I agree, they go GREAT with the game, before sex, 
yard work, car washing,
after sex, the movie, driving, 
the beach, everywhere and everything


----------



## Vieope (Dec 30, 2004)

DFINEST said:
			
		

> I agree, they go GREAT with the game, before sex,
> yard work, car washing,
> after sex, the movie, driving,
> the beach, everywhere and everything


_They are so good that you can even have sex with them. 
Nah, I never tasted them. _


----------



## DFINEST (Dec 30, 2004)

Vieope said:
			
		

> _They are so good that you can even have sex with them.
> Nah, I never tasted them. _



I never said DURING sex, I'm having dessert then


----------



## Vieope (Dec 30, 2004)

DFINEST said:
			
		

> I never said DURING sex, I'm having dessert then



_I heard some people, let´s call him Crono, like to have sex with chicken. So if he knows the chicken will turn into a buffallo wing, it might be a turn on.  _


----------



## aggies1ut (Dec 30, 2004)

I'm Trying said:
			
		

> I'm still waiting on my cookies


Seriously, you live by me. I can make ya some if ya want. I like baking.


----------



## aggies1ut (Dec 30, 2004)

Heck, if you're gonna eat 'em, and decide to make them yourself, do it the right way. 

HOOTERS BUFFALO WINGS


Ingredients 
****************
Vegetable oil for frying 
1/4 cup Butter 
1/4 cup Louisiana Hot Sauce 
1 dash Ground pepper 
1 dash Garlic powder 
1/2 cup Flour 
1/4 tsp Paprika 
1/4 tsp Cayenne pepper 
1/4 tsp Salt 
10 Chicken pieces 
Bleu cheese salad dressing
Celery sticks 


Procedure 
***************
Heat oil in a deep fryer to 375 degrees. You want just enough oil to cover the wings entirely -- an inch or so deep at least. Combine the butter, hot sauce, ground pepper, and garlic powder in a small saucepan over low heat. Heat until the butter is melted and the ingredients are well blended. Combine the flour, paprika, cayenne pepper, and salt in a small bowl. If the wings are frozen, be sure to defrost and dry them. Put the wings into a large bowl and sprinkle the flour mixture over them, coating each wing evenly.
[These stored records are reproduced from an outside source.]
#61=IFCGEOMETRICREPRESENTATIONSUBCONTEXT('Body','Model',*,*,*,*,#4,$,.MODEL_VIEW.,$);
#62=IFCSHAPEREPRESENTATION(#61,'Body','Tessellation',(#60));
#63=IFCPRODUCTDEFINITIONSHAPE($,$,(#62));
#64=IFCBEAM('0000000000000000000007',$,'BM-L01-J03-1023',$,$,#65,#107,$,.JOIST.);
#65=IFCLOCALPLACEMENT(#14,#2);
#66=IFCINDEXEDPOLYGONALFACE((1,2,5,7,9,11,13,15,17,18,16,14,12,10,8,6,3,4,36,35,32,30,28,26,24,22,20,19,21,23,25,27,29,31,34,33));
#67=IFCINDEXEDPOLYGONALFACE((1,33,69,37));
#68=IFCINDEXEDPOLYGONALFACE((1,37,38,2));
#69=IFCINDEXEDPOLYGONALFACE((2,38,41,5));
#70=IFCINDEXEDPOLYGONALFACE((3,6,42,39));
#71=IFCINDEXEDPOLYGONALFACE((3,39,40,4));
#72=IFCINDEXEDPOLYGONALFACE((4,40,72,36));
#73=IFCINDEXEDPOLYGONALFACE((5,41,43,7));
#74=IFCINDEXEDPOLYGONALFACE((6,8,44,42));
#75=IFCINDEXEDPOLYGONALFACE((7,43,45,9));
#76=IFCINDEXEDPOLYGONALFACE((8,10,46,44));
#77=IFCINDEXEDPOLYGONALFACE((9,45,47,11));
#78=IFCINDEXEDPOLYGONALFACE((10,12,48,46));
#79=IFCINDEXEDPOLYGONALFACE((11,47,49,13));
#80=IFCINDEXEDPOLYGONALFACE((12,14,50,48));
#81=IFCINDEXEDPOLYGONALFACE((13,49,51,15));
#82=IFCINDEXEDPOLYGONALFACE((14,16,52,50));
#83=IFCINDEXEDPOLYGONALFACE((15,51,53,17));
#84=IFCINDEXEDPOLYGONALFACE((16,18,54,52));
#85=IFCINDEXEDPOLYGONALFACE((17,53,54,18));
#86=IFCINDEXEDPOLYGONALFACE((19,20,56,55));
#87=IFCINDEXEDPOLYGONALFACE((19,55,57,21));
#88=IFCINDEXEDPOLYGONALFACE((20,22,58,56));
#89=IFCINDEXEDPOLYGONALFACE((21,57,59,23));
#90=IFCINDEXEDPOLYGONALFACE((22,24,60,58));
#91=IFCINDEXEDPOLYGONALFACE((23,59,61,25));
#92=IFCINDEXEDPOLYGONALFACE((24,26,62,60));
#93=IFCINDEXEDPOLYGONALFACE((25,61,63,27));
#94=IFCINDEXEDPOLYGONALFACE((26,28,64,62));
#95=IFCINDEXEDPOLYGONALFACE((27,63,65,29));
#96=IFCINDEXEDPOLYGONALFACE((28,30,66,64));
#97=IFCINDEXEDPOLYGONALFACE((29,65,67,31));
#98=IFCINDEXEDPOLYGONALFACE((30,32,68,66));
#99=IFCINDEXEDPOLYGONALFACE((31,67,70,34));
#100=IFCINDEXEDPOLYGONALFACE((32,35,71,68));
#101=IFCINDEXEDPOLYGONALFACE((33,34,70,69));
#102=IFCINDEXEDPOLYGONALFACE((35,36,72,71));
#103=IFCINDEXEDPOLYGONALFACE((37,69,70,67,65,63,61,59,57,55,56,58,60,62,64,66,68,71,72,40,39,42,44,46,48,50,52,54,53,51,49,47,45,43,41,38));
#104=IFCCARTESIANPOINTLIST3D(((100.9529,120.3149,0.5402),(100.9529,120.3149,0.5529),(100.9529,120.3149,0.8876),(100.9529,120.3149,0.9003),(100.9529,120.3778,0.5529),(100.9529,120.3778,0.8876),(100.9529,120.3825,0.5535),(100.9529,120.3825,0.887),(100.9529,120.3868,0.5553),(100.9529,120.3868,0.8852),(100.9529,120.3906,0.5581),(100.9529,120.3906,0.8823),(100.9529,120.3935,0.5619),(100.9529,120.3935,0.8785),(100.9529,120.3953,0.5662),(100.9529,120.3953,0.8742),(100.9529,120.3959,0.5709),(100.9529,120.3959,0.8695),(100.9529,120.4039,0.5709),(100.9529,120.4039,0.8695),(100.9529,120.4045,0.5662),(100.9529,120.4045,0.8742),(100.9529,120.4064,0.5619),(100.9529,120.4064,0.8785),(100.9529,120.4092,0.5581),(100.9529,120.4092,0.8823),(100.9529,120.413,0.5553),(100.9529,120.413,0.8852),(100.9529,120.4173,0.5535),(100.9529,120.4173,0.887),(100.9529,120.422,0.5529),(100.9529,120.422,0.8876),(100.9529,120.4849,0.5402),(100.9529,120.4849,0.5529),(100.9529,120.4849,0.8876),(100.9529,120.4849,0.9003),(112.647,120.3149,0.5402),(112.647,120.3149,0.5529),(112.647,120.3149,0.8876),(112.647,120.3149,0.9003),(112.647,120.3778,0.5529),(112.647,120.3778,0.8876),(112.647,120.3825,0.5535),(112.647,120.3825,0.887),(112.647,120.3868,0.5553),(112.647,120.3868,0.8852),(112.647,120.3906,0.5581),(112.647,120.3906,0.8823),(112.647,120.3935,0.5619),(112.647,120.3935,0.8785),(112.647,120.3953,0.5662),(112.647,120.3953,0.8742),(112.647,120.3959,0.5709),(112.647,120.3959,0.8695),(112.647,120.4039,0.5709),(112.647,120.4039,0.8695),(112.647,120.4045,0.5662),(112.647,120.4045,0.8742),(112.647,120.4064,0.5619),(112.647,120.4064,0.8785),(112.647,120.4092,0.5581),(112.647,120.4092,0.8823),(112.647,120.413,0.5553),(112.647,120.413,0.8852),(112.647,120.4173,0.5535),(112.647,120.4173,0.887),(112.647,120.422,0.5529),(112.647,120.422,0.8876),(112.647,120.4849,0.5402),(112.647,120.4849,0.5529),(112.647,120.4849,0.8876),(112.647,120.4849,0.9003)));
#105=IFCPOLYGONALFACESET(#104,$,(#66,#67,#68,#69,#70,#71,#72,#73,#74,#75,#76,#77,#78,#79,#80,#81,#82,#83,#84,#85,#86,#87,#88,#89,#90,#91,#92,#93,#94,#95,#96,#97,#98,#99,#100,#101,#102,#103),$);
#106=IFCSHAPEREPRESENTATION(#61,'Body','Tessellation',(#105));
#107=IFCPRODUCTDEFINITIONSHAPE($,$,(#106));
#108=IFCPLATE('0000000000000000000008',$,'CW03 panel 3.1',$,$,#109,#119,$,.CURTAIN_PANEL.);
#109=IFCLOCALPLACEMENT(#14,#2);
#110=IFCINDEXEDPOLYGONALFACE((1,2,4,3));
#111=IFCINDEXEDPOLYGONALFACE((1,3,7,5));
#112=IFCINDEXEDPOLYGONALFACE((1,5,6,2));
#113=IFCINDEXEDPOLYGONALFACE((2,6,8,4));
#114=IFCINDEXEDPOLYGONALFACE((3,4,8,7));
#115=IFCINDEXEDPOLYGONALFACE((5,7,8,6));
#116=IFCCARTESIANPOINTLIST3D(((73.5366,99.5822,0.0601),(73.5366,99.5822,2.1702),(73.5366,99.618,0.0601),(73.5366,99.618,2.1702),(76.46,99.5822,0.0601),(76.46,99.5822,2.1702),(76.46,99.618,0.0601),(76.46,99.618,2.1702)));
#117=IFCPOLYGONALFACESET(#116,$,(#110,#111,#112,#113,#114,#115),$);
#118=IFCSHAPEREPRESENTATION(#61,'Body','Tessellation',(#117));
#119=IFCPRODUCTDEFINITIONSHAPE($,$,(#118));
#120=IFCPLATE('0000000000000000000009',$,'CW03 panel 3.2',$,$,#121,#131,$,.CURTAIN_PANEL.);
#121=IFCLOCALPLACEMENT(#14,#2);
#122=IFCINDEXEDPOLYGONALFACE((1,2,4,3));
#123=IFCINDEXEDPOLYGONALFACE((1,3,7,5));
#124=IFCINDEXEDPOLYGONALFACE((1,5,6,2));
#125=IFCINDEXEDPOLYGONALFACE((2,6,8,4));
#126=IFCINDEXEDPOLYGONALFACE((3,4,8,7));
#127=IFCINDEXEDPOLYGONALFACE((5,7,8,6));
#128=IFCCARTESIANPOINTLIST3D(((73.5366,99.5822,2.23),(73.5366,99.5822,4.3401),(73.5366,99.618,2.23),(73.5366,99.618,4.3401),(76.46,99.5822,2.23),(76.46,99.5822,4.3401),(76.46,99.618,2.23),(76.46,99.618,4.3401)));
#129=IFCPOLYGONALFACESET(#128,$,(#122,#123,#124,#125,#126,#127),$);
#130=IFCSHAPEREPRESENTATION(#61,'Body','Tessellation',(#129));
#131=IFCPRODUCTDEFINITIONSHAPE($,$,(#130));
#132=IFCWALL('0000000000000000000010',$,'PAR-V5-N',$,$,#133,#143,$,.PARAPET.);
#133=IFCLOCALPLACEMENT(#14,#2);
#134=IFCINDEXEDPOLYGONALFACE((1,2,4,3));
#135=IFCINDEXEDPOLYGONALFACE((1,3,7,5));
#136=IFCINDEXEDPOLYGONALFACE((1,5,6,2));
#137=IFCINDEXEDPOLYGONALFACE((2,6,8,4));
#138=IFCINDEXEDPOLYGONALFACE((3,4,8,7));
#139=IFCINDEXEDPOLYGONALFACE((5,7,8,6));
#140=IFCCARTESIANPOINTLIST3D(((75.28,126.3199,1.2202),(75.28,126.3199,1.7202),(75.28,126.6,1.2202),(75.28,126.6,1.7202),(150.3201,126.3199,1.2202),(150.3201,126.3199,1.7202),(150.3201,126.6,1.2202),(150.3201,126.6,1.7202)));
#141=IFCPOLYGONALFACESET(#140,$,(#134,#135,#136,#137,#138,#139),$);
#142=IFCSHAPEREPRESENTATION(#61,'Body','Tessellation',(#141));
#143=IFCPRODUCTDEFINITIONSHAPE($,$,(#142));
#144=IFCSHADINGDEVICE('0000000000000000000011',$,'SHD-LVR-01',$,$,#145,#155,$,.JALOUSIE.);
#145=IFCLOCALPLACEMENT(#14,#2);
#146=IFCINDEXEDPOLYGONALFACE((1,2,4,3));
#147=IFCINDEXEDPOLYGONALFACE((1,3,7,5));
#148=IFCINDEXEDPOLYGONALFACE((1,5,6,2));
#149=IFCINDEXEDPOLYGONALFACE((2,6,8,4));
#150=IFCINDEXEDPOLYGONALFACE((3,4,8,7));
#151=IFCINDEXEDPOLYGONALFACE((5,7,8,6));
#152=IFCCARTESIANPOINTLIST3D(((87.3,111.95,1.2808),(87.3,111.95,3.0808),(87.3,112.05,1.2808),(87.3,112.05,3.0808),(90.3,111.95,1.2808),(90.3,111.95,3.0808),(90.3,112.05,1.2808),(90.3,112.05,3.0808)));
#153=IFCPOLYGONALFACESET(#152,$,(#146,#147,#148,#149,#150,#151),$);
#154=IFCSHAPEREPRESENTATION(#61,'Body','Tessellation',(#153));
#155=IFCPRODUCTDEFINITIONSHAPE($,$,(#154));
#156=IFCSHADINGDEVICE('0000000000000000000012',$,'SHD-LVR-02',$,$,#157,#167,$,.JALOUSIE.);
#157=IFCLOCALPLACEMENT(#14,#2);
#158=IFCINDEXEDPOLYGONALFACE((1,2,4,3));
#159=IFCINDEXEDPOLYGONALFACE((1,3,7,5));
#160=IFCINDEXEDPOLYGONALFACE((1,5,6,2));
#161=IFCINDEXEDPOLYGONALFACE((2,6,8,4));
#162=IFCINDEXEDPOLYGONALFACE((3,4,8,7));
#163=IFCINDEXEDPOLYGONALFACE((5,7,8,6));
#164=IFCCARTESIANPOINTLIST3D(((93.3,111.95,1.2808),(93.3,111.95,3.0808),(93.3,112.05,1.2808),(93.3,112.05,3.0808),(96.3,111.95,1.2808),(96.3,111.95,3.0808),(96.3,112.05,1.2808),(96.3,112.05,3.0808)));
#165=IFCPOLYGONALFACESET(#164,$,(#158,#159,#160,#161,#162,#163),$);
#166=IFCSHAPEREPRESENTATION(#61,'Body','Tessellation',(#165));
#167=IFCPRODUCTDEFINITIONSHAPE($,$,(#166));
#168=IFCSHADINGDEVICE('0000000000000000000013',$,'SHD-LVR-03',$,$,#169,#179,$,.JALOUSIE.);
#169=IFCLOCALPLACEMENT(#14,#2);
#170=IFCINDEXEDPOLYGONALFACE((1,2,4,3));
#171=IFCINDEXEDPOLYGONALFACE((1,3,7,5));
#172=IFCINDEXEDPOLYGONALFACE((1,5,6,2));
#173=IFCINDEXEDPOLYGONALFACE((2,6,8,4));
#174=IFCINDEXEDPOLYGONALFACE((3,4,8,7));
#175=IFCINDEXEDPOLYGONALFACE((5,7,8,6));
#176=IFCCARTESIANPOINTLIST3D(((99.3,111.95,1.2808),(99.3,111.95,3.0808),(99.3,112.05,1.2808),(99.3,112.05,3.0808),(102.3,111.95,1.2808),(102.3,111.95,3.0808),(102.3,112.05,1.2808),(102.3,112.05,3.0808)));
Put the wings in the refrigerator for 60 to 90 minutes. (This will help the breading to stick to the wings when fried.) Put all the wings into the hot oil and fry them for 10 to 15 minutes or until some parts of the wings begin to turn dark brown. Remove the wings from the oil to a paper towel to drain. But don't let them sit too long, because you want to serve the wings hot. Quickly put the wings into a large bowl. Add the hot sauce and stir, coating all the wings evenly. You could also use a large plastic container with a lid for this. Put all the wings inside the container, add the sauce, put on the lid, then shake. Serve with Bleu cheese dressing and celery sticks on the side. Serves 2.


----------



## Cold Iron (Dec 30, 2004)

aggies1ut said:
			
		

> Heck, if you're gonna eat 'em, and decide to make them yourself, do it the right way.
> 
> HOOTERS BUFFALO WINGS



mmmmmm hooters


----------



## crazy_enough (Dec 30, 2004)

MTN WARRIOR said:
			
		

> I dont know who's are hotter: yours, crazy enough, or Robin. I think I might require closer inspection


MY goodness, Im flattered to even be considered in this "hottest abs" category!! I can guarantee you the other two leave me far behind....thos two girls are fiercly ripped! I hate skinny girls!!


----------



## G-man (Dec 31, 2004)

aggies1ut said:
			
		

> Heck, if you're gonna eat 'em, and decide to make them yourself, do it the right way.
> 
> HOOTERS BUFFALO WINGS.


 Gimme a break. Why is it that theses other parts of the country always bastardize the recipe and think its better?

 1-pot hot or boiling oil (whatever cooking oil you want to use).
 however many wings you or your friends want.
 franks hot sauce, the more the merrier.
 melted butter.

 cook the frigging wings in the oil until lightly crisp.
 drain them.
 throw them all in a big tupperware bowl.
 throw in the franks (the more the better) add melted butter if you want.
 shake tupperware bowl to mix sauce on wings.
 enjoy.


----------